The evidence that the approaches developed under this policy have failed has been mounting for years, and the supporters of NCLB have been dropping like flies on no-pest strip. The latest and perhaps most important policy related statement to date has just come out, and it is a study published by the National Academies of Science: Incentives and Test-Based Accountability in Education by Michael Hout and Stuart W. Elliott, Editors; Committee on Incentives and Test-Based Accountability in Public Education; National Research Council.

And the study says …

In recent years there have been increasing efforts to use accountability systems based on large-scale tests of students as a mechanism for improving student achievement. The federal No Child Left Behind Act (NCLB) is a prominent example of such an effort… bla bla bla … For the first time, research and theory on incentives from the fields of economics, psychology, and educational measurement have all been pulled together and synthesized.
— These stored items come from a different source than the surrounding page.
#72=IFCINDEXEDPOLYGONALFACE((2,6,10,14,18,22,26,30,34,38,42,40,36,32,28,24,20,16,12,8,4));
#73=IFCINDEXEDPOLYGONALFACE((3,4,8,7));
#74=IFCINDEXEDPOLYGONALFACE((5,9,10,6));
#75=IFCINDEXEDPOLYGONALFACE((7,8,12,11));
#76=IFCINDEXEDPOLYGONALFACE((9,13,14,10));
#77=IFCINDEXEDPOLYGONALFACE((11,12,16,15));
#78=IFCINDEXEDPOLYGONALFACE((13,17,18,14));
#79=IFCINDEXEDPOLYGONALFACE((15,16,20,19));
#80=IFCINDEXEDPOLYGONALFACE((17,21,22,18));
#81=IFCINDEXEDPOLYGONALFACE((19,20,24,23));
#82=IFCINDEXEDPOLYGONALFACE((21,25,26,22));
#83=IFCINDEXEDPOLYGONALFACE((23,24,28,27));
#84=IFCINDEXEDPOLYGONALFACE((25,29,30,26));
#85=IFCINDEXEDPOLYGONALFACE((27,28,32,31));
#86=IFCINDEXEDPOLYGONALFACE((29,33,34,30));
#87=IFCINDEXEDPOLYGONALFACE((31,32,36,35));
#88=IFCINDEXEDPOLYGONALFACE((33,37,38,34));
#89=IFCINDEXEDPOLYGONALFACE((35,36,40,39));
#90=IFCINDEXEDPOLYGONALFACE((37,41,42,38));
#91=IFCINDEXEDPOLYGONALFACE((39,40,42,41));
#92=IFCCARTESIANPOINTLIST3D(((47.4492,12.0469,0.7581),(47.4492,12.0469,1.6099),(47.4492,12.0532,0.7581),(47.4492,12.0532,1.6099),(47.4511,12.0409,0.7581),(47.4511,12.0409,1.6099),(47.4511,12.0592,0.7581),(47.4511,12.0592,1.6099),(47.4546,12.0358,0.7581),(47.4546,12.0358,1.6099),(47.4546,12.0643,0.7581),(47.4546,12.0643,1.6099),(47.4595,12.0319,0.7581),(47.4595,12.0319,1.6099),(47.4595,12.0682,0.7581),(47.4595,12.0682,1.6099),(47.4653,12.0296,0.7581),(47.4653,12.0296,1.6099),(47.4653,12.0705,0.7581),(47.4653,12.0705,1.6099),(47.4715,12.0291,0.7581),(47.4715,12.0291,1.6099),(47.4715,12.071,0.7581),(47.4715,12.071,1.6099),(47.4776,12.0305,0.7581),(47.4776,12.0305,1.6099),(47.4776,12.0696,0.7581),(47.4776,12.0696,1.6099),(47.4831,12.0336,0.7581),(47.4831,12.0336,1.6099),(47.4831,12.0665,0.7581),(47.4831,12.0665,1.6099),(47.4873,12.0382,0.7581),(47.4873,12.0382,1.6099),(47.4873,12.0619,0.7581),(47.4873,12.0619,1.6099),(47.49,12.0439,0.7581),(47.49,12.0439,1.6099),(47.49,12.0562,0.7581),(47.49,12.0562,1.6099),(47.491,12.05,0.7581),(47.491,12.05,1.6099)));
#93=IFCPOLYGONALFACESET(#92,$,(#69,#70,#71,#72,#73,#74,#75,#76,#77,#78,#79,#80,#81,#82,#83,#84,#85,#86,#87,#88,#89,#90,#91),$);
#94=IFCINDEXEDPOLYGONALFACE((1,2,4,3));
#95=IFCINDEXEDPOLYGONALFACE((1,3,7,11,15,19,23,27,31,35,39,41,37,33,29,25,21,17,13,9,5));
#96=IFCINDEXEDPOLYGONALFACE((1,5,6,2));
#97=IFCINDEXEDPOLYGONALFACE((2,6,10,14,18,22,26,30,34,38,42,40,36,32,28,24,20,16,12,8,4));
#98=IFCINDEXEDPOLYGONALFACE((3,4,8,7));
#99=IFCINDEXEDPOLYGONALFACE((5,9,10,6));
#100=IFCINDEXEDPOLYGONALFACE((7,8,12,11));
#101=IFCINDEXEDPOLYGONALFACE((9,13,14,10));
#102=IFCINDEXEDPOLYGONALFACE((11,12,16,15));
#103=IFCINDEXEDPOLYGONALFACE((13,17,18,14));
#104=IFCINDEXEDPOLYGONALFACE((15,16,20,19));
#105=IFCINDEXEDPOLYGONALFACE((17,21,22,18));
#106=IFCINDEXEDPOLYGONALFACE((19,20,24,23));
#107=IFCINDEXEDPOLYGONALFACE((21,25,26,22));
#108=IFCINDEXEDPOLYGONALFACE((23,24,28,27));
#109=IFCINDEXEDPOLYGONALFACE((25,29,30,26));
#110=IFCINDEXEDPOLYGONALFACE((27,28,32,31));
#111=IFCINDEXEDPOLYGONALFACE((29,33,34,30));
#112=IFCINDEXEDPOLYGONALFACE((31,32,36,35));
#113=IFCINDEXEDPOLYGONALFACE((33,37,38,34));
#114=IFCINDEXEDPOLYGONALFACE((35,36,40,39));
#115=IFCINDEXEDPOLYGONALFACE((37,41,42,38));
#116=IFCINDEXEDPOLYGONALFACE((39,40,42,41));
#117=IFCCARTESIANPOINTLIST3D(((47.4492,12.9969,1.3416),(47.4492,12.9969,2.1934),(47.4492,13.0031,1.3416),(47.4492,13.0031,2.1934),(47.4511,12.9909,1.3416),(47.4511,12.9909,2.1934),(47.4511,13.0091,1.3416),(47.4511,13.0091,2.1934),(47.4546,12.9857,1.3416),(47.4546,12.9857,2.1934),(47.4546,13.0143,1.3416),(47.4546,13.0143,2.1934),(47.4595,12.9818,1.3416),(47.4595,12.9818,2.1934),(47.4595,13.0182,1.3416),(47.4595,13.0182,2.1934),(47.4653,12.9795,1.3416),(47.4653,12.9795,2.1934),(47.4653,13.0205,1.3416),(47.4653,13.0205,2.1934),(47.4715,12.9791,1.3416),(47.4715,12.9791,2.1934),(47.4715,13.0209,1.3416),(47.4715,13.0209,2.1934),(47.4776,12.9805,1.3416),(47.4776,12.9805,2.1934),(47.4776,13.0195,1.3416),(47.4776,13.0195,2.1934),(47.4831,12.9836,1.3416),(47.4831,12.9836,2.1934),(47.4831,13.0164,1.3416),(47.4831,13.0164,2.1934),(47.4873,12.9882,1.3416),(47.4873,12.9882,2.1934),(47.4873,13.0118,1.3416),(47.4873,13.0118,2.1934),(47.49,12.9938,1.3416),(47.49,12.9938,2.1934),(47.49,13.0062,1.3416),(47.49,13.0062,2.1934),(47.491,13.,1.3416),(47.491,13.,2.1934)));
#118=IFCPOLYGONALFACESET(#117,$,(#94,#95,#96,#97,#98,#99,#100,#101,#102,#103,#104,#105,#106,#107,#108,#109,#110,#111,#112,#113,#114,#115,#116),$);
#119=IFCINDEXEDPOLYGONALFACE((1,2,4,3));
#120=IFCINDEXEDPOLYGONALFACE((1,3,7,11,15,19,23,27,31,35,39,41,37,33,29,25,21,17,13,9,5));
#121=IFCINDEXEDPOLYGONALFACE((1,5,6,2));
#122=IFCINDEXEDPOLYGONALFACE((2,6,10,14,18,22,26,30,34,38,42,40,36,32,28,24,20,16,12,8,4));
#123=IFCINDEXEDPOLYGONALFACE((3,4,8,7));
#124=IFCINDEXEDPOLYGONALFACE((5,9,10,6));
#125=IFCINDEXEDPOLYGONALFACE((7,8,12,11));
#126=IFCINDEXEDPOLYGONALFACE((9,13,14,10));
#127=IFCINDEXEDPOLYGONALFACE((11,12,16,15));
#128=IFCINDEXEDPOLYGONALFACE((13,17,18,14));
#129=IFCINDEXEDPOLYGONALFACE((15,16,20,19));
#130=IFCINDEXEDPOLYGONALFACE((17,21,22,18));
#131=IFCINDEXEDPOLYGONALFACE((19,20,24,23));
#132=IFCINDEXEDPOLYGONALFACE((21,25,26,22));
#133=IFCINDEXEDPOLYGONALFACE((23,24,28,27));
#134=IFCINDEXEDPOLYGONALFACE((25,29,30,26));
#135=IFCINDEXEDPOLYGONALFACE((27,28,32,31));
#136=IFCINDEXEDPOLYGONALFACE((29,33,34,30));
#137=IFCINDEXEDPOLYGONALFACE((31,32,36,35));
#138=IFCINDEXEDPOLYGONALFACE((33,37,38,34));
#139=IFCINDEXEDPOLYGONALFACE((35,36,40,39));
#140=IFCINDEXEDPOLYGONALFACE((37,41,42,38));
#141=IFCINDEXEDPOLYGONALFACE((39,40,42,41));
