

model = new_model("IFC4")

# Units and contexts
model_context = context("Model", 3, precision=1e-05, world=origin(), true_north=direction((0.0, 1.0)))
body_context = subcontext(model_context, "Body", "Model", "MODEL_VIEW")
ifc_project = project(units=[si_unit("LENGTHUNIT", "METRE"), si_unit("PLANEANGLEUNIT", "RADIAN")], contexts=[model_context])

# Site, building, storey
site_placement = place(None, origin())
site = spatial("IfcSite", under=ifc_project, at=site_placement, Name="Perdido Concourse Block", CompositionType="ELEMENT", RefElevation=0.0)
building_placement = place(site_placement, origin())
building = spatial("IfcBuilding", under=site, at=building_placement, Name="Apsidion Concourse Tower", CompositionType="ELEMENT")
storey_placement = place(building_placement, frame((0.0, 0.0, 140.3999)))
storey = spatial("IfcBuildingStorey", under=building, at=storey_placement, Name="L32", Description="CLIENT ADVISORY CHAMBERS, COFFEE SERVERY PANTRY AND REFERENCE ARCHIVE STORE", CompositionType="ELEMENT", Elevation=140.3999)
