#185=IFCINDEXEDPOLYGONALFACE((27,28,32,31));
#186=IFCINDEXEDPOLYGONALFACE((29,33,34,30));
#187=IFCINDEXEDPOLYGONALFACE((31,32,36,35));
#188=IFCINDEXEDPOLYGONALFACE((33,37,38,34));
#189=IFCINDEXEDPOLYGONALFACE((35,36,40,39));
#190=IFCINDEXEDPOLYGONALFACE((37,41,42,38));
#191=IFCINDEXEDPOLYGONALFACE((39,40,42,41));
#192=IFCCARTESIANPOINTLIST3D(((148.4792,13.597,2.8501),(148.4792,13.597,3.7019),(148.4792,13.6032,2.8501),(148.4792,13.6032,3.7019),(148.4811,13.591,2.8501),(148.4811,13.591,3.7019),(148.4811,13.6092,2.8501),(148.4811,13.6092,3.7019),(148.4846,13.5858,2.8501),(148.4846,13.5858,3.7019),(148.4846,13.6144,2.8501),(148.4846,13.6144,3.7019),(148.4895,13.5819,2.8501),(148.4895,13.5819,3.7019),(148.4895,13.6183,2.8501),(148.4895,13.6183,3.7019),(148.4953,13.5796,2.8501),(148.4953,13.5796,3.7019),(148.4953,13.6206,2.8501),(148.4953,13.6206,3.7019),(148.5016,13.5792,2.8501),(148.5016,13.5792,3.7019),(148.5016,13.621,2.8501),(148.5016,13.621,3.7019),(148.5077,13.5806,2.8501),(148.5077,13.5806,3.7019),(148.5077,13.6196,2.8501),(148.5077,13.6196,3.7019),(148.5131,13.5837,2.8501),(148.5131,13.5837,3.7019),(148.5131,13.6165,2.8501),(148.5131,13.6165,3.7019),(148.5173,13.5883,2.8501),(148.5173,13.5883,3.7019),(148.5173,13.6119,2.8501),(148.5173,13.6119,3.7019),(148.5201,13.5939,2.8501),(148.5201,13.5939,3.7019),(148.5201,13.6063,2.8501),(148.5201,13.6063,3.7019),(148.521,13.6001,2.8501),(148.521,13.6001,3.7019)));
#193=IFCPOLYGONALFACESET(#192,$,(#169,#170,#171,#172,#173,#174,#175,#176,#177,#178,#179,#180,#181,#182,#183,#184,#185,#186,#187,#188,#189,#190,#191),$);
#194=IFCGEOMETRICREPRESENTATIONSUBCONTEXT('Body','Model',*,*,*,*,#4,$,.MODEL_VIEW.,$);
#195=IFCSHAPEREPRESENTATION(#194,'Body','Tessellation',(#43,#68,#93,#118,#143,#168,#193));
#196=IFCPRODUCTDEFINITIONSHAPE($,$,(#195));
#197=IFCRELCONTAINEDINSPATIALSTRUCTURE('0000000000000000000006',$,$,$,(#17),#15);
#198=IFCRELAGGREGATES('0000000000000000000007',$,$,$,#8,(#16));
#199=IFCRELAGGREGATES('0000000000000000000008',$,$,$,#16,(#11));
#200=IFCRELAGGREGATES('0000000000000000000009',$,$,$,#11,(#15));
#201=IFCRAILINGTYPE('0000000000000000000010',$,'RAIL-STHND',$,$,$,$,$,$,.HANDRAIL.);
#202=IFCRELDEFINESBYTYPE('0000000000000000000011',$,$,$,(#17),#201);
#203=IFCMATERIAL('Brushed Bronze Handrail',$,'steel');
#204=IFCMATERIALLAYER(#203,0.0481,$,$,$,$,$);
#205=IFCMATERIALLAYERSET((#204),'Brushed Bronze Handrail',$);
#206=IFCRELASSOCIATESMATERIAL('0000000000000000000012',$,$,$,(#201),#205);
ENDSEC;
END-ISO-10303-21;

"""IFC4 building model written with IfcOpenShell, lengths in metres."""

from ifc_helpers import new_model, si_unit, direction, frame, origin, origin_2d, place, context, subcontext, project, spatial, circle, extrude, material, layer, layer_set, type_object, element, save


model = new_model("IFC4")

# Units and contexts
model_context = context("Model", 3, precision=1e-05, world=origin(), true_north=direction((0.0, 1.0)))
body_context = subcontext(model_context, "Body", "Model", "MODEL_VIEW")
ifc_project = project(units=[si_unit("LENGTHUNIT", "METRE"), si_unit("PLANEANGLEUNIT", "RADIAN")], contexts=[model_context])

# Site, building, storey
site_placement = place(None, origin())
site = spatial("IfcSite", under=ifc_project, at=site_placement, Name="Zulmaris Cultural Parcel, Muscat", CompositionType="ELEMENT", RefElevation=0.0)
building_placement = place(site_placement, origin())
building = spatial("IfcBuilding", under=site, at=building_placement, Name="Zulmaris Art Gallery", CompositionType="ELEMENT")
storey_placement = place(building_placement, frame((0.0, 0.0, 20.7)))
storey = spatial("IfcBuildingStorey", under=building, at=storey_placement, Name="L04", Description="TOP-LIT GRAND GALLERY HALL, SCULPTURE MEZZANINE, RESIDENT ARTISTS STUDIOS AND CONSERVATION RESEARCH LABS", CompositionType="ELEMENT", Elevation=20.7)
Incentives and Test-Based Accountability in Education will inform people about the motivation of educators and students and inform policy discussions about NCLB … bla bla bla …

Never mind that part … it’s just the text they put on the front page so as it arrives on the desks of the members of congress who implemented this policy they don’t have amateurism. Let’s get right to the conclusions. There are two:

Conclusion 1: Test-based incentive programs, as designed and implemented in the programs that have been carefully studied, have not increased student achievement enough to bring the United States close to the levels of the highest achieving countries. When evaluated using relevant low-stakes tests, which are less likely to be inflated by the incentives themselves, the overall effects on achievement tend to be small and are effectively zero for a number of programs. Even when evaluated using the tests attached to the incentives, a number of programs show only small effects. Programs in foreign countries that show larger effects are not clearly applicable in the U.S. context. School-level incentives like those of the No Child Left Behind Act produce some of the larger estimates of achievement effects, with effect sizes around 0.08 standard deviations, but the measured effects to date tend to be concentrated in elementary grade mathematics and the effects are small compared to the improvements the nation hopes to achieve.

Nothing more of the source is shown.